Given a user-item matrix ( R ) of size ( m x n ), matrix factorization approximates ( R ) as:

![alt text](image-3.png)

where:
- ( R ): the original matrix (e.g., user-item ratings).
- ( U ): a ( m x k ) orthogonal matrix representing user feature vectors ("latent factors").
- ( S ): a ( k x k ) diagonal matrix of singular values (strength of each factor).
- ( V^T ): a ( k x n ) transpose of matrix representing item feature vectors.

### Advantages
- Handles **sparsity** better than memory-based CF.
- Scales to large datasets.
- Captures deeper, abstract relationships (latent factors) beyond simple rating overlap.

### Limitations
- Need enough rating data to learn meaningful factors.
- Susceptible to cold-start problems (new users or new items with no ratings).
- SVD can be computationally expensive and may overfit if not regularized.

First, let's check the sparsity of the dataset:

In [None]:
sparsity=round(1.0-len(df)/float(n_users*n_items),3)
print('The sparsity level of MovieLens100K is ' +  str(sparsity*100) + '%')

The sparsity level of MovieLens100K is 93.7%


Here, the dataset is **~94%** sparse, which indicates that most user-movie pairs are unrated.

Apply **Singular Value Decomposition (SVD)**: 

In [None]:
import scipy.sparse as sp
from scipy.sparse.linalg import svds

# Factorize the training matrix into three low-rank matrices. Choose appropriate k (number of latent factors)
# Set k=20 keeps only the top 20 latent factors, which capture the most significant patterns and reduce noise. 
u, s, vt = svds(train_data_matrix, k = 20)

In [38]:
# Multiply the three SVD components to reconstruct an approximation of the original rating matrix, which contains the predicted ratings for every user-movie pair
s_diag_matrix=np.diag(s)
X_pred = np.dot(np.dot(u, s_diag_matrix), vt)

In [39]:
# Evaluate with RMSE
print('User-based CF MSE: ' + str(rmse(X_pred, test_data_matrix)))

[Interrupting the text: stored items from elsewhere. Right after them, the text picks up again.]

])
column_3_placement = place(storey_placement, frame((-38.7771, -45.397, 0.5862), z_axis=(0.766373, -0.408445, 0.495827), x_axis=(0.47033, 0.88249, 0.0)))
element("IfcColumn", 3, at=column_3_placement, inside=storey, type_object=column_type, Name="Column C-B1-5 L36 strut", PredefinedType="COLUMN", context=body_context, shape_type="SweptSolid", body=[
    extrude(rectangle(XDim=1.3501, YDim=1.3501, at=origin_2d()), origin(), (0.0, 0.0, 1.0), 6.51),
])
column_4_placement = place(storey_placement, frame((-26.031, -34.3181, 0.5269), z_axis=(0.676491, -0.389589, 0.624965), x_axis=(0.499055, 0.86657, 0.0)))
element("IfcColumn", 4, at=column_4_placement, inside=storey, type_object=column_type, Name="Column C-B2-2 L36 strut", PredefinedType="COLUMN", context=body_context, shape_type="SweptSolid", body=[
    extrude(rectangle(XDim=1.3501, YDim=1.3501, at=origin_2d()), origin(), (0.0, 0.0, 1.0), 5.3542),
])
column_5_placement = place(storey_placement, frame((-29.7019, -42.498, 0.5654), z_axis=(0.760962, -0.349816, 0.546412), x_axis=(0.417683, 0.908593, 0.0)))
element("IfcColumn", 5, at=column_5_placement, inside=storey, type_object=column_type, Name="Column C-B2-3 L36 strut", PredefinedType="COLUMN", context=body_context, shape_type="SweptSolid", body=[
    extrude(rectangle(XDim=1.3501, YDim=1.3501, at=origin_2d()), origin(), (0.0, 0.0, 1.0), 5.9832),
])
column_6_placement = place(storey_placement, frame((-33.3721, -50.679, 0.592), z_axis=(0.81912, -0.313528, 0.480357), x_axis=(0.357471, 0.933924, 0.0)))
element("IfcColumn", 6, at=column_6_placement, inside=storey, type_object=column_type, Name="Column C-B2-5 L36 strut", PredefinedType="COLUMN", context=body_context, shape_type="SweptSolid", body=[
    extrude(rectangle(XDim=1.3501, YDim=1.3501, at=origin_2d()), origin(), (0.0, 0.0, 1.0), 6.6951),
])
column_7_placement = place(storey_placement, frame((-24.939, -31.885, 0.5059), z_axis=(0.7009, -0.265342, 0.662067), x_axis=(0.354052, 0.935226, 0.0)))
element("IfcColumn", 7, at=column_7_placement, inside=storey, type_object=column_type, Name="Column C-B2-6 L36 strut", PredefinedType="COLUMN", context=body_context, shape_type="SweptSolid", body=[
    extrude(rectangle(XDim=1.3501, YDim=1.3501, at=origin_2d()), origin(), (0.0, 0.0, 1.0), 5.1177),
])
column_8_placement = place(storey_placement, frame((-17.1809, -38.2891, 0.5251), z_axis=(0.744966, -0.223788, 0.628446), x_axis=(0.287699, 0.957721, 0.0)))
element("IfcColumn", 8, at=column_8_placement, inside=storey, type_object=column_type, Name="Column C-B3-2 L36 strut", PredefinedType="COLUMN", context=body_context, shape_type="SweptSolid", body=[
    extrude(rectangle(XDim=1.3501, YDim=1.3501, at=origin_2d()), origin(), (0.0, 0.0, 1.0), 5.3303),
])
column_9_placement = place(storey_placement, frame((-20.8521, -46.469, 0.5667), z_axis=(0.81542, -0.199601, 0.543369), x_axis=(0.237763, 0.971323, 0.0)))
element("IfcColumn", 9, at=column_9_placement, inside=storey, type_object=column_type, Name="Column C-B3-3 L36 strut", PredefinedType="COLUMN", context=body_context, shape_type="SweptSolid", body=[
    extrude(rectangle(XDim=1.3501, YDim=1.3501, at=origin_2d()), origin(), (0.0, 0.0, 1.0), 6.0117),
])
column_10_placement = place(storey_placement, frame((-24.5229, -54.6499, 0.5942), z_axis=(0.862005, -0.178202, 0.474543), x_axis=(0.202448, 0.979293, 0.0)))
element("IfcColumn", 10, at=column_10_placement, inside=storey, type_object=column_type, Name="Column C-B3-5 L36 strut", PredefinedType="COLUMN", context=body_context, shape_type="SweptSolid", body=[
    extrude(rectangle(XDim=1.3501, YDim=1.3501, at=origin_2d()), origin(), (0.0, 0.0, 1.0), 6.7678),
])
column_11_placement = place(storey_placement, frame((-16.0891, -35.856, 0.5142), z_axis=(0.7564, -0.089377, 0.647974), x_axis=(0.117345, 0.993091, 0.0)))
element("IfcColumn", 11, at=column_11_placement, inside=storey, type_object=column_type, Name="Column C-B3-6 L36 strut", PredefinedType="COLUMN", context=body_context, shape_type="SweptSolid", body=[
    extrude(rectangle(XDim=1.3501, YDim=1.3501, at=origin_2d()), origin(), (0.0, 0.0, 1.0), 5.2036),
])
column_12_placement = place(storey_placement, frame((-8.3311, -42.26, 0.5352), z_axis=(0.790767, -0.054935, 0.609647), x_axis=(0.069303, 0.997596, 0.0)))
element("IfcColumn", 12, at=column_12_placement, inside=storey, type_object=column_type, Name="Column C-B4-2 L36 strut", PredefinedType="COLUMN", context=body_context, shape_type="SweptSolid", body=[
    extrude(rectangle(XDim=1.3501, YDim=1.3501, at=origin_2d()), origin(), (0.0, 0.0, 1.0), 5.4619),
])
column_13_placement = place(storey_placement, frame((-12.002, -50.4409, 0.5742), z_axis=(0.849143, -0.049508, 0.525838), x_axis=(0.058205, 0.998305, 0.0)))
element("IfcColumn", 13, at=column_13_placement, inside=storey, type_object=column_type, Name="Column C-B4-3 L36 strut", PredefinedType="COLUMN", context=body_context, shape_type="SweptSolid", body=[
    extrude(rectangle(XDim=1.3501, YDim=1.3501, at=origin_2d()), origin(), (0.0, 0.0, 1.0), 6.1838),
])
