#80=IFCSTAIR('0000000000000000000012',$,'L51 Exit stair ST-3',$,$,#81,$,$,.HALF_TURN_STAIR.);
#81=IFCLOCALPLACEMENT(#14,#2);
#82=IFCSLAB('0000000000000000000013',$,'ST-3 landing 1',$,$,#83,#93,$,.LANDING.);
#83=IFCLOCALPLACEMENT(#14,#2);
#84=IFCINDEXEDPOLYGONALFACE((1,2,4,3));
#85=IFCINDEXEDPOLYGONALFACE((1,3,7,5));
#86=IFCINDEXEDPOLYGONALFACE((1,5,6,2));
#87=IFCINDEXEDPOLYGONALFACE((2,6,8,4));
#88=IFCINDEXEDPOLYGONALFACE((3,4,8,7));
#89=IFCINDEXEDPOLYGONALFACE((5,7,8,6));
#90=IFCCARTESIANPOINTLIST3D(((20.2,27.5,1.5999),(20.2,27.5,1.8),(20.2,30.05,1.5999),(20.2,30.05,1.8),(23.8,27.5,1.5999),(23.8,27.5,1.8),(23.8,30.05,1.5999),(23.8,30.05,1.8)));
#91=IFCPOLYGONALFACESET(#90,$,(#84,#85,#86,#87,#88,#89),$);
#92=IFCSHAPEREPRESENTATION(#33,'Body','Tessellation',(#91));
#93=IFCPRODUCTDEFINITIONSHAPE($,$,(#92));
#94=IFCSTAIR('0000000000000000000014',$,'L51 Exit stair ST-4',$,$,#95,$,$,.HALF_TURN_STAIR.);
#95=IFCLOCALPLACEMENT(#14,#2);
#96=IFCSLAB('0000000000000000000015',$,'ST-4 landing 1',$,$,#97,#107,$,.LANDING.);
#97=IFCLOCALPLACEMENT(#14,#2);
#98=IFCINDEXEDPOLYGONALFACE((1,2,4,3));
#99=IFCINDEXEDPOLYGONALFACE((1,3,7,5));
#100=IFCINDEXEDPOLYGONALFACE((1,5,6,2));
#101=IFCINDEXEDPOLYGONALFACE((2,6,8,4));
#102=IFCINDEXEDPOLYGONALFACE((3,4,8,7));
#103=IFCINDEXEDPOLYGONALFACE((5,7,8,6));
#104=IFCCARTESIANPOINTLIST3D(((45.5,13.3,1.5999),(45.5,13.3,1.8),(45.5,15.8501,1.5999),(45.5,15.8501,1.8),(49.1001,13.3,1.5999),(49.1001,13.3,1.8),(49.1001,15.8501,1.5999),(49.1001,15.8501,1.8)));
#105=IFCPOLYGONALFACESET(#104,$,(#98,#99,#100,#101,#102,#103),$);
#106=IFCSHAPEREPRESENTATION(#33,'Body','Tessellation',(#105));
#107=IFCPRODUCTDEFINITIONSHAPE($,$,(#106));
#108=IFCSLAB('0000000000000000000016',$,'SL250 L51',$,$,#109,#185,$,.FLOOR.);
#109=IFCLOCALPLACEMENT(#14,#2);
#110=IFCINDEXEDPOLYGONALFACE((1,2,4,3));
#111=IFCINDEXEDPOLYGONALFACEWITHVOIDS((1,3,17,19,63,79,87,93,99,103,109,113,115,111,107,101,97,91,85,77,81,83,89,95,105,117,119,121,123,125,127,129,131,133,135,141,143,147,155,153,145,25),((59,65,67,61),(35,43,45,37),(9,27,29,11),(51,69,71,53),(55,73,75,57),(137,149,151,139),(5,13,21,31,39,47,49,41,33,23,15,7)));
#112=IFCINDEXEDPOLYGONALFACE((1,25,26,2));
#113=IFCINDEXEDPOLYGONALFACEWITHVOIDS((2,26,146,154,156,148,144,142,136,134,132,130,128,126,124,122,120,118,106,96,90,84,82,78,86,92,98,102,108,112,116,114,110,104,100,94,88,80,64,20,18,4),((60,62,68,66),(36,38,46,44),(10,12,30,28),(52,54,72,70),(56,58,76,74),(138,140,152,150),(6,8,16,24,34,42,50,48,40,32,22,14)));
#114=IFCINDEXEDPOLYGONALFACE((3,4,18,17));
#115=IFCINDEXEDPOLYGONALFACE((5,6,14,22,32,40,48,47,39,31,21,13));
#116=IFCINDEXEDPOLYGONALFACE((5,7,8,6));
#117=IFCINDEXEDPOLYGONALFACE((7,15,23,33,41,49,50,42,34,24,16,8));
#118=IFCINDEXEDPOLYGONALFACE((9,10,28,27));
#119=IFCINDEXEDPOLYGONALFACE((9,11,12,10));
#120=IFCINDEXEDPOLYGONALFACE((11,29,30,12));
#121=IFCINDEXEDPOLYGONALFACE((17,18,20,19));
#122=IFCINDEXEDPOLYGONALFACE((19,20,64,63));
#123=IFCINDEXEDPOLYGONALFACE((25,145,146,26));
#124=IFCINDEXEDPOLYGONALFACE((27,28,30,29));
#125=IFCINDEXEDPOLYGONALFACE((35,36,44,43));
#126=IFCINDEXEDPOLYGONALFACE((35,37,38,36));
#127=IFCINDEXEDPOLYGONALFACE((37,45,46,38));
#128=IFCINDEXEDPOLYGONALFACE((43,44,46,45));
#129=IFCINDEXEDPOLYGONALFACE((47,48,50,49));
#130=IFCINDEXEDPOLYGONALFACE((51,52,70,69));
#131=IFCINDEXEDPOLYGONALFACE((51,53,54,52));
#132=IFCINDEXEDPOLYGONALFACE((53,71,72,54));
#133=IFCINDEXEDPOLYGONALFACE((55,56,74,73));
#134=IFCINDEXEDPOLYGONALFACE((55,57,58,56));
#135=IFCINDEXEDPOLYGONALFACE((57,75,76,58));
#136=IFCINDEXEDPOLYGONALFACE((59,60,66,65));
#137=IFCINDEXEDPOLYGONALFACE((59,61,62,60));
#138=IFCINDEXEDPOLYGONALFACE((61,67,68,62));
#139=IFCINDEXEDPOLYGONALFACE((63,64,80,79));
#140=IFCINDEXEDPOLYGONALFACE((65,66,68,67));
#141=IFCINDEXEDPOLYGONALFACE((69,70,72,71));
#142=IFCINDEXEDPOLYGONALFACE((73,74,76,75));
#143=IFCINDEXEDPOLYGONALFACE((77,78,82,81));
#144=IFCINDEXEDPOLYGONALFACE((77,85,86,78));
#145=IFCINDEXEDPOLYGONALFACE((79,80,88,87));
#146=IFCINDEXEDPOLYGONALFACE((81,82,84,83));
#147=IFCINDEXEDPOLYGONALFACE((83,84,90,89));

User-based CF MSE: 2.7107675909887847


### Summary

Accuracy:
- Model-based CF with SVD RMSE ≈ 2.71

=> Overall, the model-based CF with SVD achieved a lower RMSE (~2.71) than the memory-based methods (~3.13 user-based, ~3.46 item-based), indicating that this approach performs better and effectively captures hidden factors (such as decade, genre, or actor preferences) and predicts ratings more accurately, even when many user-movie pairs are missing.

<u>Extra Note</u>: We can also use Hybrid Recommender System, which combines Collaborative Filtering and Content-based models. This approach can further increase accuracy and address cold-start issues (use metadata from the user/item to make a prediction if no ratings available).